Вот так и остался Ершов один. Шуршит ночь дождём, и впечатление такое, будто кошки на душе скребут. Положение дурацкое: с одной стороны, Ирина, когда уезжала, ни слова про развод не сказала, не было у них той семейной бури, которая всегда в таких случаях бывает, со слезами да скандалами, а с другой, недаром говорят – дело забывчиво, а тело заплывчиво. Как она теперь, Ирина? Светка как? За год только два письма и пришло, кисельных каких-то, светский разговор, не более. Писала Ирина, что живёт у матери, устроилась на картонную фабрику экономистом, что Светку в музыкалку с трудом устроила – желающих через край, а она, дура, этого не понимает, ей, видите ли, сольфеджио не даётся, учится из-под палки. Вот и всё. И вернуться Ершова не просила, и никаких проклятий в его адрес не слала. Вроде душой застыла, покрылась ледяным панцирем.
Вот и Любаха в своём письме об Ирине ни слова, а наверняка встречаются: живут как-никак на одной улице. Сговорились, может быть, а возможно, сестра его тревожить не хочет, одними намёками отделывается, дескать, приезжай, братец, сам на родительский дом погляди, с женой повстречайся, решай свою судьбу. Показалось, что какая-то преднамеренность есть в письме, да ведь об этом только догадки можно строить…

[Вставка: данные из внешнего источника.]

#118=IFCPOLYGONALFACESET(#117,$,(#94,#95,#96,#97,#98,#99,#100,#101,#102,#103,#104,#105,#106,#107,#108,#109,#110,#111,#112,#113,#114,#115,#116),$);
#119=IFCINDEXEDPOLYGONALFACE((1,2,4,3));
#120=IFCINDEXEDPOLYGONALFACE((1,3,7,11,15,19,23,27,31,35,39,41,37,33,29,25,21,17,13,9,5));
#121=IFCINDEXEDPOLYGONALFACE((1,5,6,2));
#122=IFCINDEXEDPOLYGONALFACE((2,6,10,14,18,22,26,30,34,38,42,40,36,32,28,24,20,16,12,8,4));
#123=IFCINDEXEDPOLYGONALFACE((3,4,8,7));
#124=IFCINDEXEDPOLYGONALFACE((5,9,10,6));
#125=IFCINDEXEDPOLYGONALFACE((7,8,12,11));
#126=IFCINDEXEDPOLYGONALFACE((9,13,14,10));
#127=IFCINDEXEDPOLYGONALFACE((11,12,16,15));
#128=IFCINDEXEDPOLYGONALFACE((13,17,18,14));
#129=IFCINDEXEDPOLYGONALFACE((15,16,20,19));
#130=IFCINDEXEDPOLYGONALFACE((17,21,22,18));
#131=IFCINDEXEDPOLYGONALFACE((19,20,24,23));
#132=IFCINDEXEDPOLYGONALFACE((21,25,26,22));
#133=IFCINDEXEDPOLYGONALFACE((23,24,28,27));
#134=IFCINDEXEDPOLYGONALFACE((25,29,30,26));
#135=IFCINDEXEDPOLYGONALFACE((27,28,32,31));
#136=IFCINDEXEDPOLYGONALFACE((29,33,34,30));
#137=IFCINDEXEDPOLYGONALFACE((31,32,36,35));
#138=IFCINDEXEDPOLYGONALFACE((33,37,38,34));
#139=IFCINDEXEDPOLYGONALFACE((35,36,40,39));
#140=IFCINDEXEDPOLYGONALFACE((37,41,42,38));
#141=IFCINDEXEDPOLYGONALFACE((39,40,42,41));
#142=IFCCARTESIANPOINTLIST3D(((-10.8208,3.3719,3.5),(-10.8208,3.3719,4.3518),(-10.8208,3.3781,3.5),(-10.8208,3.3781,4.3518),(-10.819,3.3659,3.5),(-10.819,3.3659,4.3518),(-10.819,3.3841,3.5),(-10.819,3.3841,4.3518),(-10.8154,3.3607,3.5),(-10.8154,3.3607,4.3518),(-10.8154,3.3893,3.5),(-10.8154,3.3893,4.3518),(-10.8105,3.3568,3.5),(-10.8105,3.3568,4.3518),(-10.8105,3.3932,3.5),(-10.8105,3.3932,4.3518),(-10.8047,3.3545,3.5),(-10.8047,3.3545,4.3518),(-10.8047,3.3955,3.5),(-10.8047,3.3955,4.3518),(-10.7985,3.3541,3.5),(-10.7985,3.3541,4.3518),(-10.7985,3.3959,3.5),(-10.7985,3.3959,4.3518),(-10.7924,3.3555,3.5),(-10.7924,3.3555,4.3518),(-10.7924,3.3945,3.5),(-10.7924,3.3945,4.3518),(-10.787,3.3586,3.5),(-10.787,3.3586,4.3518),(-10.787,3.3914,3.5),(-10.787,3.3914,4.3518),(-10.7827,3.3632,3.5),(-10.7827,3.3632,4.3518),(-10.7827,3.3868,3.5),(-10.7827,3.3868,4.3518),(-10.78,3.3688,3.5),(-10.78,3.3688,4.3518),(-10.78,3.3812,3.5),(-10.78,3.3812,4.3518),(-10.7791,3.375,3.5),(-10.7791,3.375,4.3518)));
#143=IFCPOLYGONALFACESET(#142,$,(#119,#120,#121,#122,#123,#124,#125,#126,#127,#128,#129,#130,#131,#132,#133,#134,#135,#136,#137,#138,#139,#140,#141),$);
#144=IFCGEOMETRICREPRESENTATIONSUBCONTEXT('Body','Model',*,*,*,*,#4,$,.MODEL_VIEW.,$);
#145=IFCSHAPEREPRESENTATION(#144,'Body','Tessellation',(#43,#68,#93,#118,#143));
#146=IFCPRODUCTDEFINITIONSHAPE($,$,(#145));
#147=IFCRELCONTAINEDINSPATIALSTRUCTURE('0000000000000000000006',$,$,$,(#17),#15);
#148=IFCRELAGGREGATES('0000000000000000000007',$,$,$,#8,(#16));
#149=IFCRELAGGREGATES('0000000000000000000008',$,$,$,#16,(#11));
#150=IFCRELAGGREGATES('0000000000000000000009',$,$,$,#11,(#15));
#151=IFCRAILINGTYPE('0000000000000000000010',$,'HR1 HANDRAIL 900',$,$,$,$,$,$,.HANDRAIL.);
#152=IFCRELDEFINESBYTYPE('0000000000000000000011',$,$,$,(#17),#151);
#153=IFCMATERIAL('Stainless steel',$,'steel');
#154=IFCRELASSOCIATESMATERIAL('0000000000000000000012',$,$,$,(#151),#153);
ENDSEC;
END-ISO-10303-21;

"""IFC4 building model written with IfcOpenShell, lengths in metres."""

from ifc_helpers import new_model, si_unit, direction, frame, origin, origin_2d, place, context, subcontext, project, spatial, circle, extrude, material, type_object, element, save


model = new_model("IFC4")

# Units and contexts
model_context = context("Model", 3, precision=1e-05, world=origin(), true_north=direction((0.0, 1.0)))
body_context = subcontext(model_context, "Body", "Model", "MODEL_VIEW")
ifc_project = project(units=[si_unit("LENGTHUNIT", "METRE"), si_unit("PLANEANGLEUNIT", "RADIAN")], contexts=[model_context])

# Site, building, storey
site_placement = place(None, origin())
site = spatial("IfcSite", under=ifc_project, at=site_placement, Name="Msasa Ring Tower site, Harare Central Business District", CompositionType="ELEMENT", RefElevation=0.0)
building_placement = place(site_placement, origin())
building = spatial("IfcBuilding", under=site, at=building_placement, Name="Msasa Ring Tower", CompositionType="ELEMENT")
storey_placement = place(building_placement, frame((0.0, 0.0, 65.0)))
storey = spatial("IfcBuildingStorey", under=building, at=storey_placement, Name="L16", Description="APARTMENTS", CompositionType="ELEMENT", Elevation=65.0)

Эх, Ершов, Ершов, по-беспутному как-то ты живёшь! Бобыль бобылём! Конечно, можно завтра на колхозе точку поставить – никто тебя в вечной привязанности к деревне клятву давать не заставлял, только как после этого людям в глаза глядеть будешь? В колхозе и так каждый человек на учёте, а тут как нож в спину – агроном сбежал! Ирина как-то сказала: стыд не дым, глаза не ест. А что ж тогда ест, позором жжёт?
* * *
Ершов заметил: то, что порой ночью больших дум стоит, днём как дым рассеивается. Утром, пока до работы бежал (именно бежал: уснул поздно, и ночь бессонная просто так не прошла – проспал на наряд), пришло простое решение – отпроситься в отпуск, поехать на родину, а потом окончательно определиться: перебираться ли под родительскую крышу или здесь, в Гороховке, холостяковать. Хоть и опоздал Ершов, но на несколько минут забежал в свой кабинет, заявление набросал и уж потом пошёл в кабинет председателя.